Lilian starts to wonder this herself after she receives a call that her client Paula ( Virginie Efira ) has died by suicide. Paula was not someone she believed was capable of this. Instead of looking inward, she goes back to the tapes to begin an amateur investigation to find some other explanation: It must be murder, she concludes. Suspects include Paula’s daughter Valérie (Luàna Bajrami) and husband Simon (Mathieu Amalric).
She also enlists a sidekick in her sleuthing, her ex-husband Gabriel (a delightful Daniel Auteuil ) who is more than happy to go along for the ride, to listen to her conspiracy theories over several bottles of wine, to be a decoy distraction so that she can snoop through Simon’s house, and, ultimately, to just be there for her, no matter how unhinged she’s becoming. You can just see the love and admiration in his attentiveness. He’s not off put by the crazy; it’s just part of what makes her, well, her. Their rekindled relationship, so effortlessly lived in, so mature, so fun, is by far the highlight of “A Private Life.”
It’s a shame that their romance is basically a side show to the more convoluted rest, which involves a hypnotist and a revelation of a past life in which Lilian and Paula were members of the same WWII-era orchestra and lovers torn apart by jealous exes and Nazis. One of those Nazis is Lilian’s son (Vincent Lacoste), which she awkwardly, drunkenly tells him at his birthday dinner to try to explain why they’ve never been that close. She’s also completely disinterested in her grandchild, which might be one “let’s unpack that” too many in this film. In other words, there’s a lot going on in “A Private Life,” which Zlotowski co-wrote with Anne Berest.

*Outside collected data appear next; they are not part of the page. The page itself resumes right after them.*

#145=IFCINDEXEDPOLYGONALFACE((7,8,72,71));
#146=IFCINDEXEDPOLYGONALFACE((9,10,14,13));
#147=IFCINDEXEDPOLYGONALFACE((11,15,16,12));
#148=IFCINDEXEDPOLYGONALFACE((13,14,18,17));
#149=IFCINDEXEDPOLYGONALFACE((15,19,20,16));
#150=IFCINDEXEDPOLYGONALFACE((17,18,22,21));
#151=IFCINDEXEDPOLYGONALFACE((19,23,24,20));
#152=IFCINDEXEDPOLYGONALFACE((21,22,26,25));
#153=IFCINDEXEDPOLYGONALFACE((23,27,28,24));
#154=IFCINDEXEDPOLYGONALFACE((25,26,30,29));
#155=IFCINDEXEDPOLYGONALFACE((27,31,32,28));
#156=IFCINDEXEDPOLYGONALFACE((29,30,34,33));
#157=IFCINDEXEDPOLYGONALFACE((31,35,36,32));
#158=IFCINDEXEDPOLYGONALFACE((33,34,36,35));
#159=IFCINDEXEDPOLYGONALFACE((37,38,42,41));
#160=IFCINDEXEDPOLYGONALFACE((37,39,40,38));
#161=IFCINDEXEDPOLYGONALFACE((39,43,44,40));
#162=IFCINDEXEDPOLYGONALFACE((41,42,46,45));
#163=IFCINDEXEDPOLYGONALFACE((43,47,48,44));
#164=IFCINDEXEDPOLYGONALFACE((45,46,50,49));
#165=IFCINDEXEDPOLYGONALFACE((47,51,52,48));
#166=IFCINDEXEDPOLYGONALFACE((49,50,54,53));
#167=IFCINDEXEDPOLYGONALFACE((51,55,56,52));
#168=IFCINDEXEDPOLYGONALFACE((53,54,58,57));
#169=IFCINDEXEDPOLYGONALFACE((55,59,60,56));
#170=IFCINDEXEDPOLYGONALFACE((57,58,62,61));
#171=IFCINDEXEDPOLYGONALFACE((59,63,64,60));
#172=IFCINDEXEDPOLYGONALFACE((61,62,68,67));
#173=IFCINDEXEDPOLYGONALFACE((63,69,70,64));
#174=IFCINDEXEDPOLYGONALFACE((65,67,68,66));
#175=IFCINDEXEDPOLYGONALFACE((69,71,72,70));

This image released by Sony Pictures Classics shows Jodie Foster, left, and Virginie Efira in a scene from “A Private Life.” Credit: AP/Jérôme Prébois
One thing there’s not enough of is Efira. She gets some moments in flashback, but most of them teeter on the “dead wife montage” cliche. It’s not that Zlotowski wasn’t aware of what she had in Efira (case in point, their poignant, tender work together in “Other People’s Children”), but perhaps she was counting on our familiarity to fill in the gaps.

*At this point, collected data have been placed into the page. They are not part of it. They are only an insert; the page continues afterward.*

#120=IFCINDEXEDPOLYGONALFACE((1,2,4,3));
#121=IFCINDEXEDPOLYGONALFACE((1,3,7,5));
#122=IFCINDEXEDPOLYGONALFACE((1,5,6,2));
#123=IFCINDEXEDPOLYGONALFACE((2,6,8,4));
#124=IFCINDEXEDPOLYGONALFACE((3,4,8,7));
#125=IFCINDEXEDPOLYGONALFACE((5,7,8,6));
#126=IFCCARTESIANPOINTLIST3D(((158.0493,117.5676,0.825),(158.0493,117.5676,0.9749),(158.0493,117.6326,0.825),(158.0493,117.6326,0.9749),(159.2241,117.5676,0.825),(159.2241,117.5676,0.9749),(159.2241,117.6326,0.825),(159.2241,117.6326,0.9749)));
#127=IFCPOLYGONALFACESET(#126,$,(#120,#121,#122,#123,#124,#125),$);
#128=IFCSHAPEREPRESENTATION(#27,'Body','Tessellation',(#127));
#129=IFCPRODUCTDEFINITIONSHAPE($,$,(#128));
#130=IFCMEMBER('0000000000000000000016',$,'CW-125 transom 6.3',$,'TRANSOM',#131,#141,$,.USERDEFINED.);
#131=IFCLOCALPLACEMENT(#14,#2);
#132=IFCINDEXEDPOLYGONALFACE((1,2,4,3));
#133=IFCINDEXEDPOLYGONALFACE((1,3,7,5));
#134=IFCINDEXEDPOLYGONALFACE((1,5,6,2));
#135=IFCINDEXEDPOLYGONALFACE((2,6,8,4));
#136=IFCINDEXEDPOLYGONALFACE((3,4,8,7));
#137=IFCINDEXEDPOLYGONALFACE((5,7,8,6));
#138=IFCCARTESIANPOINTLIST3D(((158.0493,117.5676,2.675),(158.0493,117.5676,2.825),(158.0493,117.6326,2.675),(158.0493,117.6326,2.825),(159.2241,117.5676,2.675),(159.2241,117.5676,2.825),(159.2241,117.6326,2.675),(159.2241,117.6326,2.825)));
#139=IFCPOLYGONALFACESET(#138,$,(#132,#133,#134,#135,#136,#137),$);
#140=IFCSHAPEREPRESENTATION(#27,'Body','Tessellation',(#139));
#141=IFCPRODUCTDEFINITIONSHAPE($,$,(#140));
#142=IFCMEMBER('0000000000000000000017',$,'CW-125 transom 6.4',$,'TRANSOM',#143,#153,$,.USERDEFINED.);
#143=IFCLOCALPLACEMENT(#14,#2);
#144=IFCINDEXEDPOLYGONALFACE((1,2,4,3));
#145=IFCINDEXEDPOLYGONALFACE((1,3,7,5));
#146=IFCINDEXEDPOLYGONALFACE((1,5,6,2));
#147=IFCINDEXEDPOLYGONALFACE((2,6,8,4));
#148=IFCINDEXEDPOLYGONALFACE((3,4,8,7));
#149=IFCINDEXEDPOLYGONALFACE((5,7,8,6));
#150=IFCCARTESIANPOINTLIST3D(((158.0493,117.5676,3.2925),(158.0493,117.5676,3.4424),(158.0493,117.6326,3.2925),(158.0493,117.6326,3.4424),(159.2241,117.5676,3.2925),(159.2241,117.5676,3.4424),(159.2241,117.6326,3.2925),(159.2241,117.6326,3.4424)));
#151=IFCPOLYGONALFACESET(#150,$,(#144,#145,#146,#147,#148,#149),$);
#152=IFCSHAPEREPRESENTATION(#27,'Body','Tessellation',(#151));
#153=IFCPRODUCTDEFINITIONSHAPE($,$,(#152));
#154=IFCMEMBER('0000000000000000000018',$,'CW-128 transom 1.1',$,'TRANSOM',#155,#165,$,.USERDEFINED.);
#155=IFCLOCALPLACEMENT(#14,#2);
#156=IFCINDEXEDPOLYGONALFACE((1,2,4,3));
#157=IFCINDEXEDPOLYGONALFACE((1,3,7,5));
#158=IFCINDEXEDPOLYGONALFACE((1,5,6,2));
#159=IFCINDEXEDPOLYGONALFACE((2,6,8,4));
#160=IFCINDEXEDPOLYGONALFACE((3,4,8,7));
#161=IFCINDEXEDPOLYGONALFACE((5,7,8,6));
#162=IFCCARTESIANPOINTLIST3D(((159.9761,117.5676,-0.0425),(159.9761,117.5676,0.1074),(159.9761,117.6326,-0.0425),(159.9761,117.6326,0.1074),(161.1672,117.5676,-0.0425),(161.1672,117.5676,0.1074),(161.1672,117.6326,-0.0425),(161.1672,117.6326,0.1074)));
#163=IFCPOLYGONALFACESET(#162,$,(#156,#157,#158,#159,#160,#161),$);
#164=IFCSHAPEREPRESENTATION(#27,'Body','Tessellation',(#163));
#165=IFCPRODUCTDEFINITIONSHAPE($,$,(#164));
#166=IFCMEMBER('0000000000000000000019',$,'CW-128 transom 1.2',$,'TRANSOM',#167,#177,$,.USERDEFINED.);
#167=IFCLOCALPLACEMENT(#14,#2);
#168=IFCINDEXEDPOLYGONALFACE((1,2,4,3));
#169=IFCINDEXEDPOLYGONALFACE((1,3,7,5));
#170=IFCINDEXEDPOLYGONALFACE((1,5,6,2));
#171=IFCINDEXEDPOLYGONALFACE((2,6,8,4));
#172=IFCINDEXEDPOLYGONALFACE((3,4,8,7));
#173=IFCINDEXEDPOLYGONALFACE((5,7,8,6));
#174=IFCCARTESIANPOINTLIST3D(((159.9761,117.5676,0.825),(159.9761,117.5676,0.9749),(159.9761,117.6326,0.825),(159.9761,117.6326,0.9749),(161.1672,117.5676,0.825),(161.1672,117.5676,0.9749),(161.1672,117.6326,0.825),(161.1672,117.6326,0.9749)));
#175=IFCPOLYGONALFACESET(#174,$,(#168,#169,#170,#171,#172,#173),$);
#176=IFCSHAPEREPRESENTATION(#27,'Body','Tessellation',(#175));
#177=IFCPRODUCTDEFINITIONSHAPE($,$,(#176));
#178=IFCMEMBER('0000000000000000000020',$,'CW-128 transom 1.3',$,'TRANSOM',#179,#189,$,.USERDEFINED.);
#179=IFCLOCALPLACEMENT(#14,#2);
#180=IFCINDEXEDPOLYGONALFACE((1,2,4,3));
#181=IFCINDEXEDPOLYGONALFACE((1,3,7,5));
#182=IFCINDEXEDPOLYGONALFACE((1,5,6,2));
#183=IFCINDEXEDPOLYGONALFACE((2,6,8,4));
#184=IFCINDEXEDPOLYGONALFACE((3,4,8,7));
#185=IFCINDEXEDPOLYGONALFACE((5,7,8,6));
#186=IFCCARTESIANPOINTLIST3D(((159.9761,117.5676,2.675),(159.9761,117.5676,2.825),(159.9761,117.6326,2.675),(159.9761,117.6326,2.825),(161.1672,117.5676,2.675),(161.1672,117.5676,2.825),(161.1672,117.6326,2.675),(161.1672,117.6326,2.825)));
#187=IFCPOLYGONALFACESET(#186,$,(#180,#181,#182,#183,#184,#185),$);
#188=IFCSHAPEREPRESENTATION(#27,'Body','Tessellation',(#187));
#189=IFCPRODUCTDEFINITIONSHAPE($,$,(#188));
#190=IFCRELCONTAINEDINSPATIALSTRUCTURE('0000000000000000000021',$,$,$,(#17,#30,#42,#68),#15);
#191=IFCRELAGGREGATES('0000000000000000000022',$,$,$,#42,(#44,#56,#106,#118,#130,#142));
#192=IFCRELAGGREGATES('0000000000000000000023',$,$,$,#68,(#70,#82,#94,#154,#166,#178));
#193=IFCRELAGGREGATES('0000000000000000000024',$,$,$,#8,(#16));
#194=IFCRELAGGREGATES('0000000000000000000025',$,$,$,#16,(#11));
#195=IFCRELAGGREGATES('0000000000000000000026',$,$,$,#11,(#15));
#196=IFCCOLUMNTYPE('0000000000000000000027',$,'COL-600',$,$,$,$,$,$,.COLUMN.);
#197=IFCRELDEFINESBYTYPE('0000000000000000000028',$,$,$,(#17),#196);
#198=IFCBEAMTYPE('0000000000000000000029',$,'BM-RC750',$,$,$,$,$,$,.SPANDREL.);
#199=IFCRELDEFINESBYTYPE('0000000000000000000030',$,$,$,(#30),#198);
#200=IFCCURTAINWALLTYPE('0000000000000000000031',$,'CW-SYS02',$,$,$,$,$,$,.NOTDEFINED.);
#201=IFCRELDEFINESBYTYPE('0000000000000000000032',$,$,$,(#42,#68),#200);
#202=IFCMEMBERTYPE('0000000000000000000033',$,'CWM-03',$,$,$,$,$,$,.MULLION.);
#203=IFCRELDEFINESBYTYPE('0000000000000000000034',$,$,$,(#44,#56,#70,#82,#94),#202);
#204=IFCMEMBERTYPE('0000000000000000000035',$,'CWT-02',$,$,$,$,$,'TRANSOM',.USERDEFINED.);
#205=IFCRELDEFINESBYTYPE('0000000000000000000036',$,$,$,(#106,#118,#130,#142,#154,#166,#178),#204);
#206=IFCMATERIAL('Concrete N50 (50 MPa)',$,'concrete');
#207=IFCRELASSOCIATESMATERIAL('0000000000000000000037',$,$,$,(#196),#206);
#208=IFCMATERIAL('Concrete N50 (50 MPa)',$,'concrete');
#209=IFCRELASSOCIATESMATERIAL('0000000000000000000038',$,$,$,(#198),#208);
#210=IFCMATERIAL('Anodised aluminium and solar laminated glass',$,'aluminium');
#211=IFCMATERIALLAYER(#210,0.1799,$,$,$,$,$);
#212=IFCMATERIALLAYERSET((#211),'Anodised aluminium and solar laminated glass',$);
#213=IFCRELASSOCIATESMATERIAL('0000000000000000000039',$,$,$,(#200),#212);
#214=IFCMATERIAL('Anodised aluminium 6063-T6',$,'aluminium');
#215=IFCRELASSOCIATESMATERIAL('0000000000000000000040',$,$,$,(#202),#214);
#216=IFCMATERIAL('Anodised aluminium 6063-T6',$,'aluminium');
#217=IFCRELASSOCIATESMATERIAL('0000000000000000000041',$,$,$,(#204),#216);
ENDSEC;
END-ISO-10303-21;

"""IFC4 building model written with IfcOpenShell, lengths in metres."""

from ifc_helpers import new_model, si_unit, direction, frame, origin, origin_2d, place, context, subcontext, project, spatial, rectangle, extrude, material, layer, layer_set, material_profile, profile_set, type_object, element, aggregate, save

“A Private Life” is ultimately Foster’s show anyway and she seems to relish the tricky assignment. The tone around her might be on the lighter side, but for Lilian, the stakes are grave with the very essence of her self-worth and life’s work on the line. It’s a fascinating portrait of a woman essentially forced to rethink and revise all of the rules she’d lived by, the facts that she made sense of the world with and submit herself to the idea that some things might just be unknowable — even for a know-it-all psychoanalyst.
“A Private Life,” a Sony Pictures Classics release in theaters Friday, is rated R by the Motion Picture Association for “language, graphic nudity, brief violence, some sexual content.” Running time: 105 minutes. Three stars out of four.